I don't mean to suggest that it is never acceptable to mine these Web sites for research data, but simply
we must take great care to consider the context and expectations. It is not simply a matter of “already
public.”
What is your fundamental objection to the research methodology used in the T3 study?
Fundamentally, my concern is centered on the fact that even well-intended researchers—and their
Institutional Research Board (IRB)—failed to fully understand the implications of their methodology.
Like many, they seemed to be holding onto the traditional dichotomy of “public versus private”
information, assuming that because someone posted something on a (possibly) public social media
profile page, it is free for the taking without consent or concern over the poster's original intentions
or expectations. I'm concerned that as more powerful tools to automate this kind of scraping of social
media platforms are developed, and more research—both from highly experienced scholars and novice
undergrads—takes place, this kind of potential breach of privacy and anonymity will become more
common.
If the researchers had been more careful and had succeeded in their goal of making the
dataset truly anonymous, would you still have criticized their study?
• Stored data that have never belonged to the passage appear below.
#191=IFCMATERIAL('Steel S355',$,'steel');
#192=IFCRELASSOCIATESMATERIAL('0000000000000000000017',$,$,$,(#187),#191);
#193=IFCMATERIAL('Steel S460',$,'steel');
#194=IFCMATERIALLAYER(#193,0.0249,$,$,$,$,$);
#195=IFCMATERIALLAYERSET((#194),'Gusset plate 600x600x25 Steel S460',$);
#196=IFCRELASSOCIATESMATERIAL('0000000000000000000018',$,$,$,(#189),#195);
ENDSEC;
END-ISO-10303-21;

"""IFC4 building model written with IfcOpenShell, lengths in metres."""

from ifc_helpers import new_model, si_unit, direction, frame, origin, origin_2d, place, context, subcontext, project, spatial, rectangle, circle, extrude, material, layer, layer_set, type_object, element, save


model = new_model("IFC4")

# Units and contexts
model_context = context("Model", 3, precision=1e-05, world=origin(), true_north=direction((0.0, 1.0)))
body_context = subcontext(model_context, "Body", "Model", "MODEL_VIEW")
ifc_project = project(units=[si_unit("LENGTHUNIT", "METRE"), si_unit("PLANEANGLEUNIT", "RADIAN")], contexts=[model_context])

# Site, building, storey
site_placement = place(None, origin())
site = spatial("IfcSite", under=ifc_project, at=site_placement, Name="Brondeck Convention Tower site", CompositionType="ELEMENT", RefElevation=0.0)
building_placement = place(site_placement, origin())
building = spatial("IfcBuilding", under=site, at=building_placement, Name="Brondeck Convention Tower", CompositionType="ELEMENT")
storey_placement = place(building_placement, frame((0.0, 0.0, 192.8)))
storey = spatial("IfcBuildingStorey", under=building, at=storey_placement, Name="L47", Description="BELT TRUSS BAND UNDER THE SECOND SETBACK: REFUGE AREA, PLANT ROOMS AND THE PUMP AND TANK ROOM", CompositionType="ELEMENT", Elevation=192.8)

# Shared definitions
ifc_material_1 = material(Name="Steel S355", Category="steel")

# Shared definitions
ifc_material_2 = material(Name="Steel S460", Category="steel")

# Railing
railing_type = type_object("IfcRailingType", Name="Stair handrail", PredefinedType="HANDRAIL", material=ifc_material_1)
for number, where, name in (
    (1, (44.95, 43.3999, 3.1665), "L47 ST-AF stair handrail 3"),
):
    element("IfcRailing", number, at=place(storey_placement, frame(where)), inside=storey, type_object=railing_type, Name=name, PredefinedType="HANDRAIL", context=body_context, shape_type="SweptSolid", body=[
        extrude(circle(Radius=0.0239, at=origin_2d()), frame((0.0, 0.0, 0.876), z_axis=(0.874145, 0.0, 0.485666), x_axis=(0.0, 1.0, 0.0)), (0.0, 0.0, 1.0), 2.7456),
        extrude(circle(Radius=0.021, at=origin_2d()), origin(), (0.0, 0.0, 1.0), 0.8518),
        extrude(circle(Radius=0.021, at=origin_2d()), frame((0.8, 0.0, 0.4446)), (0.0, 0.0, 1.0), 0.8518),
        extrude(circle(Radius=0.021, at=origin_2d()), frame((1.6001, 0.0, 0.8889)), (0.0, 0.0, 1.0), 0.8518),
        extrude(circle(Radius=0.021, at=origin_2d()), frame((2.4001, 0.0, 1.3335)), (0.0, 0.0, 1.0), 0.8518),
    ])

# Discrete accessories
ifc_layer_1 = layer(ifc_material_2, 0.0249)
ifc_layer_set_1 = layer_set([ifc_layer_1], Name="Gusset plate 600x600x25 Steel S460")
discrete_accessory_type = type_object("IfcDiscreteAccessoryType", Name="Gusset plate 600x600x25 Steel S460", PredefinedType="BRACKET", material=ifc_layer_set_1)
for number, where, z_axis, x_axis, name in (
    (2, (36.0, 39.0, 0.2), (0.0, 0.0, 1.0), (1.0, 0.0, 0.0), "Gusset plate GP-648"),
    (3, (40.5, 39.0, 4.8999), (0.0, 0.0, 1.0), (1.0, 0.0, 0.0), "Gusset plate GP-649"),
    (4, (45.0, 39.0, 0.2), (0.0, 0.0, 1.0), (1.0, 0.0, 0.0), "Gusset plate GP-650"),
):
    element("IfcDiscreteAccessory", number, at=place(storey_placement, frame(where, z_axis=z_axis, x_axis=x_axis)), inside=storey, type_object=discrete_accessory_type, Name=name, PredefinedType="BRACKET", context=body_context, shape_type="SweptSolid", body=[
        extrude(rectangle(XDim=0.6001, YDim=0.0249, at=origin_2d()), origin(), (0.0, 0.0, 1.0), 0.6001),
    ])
Better protecting the source of the data would have helped, and it appears that the researchers have
rewritten the original codebook to remove the unique names of the majors and also make the geo-
graphic origin of the subjects more generic. Despite these improvements, the methodological concerns
persist, and I likely would have still expressed concern over the need for informed consent before scrap-
ing the students' Facebook data.
Are you saying that social scientists engaged in research projects should be required to
get written permission from subjects before gathering information those subjects have
posted on social networks?
This is a complicated issue, and it certainly isn't possible to get written consent from all subjects in
every case. Each research project should be considered separately and reviewed by an IRB and related
experts. I do feel that the intents of the subjects should be strongly weighed in the decision-making
process. I suspect few people with public Twitter feeds ever expected their 140-character utterances—
typically lost in a sea of thousands of tweets every moment—would be archived by the Library of
Congress for research purposes. These are the kinds of scenarios that should force us as a research
community to think about what is the most ethical approach to social media-based research projects.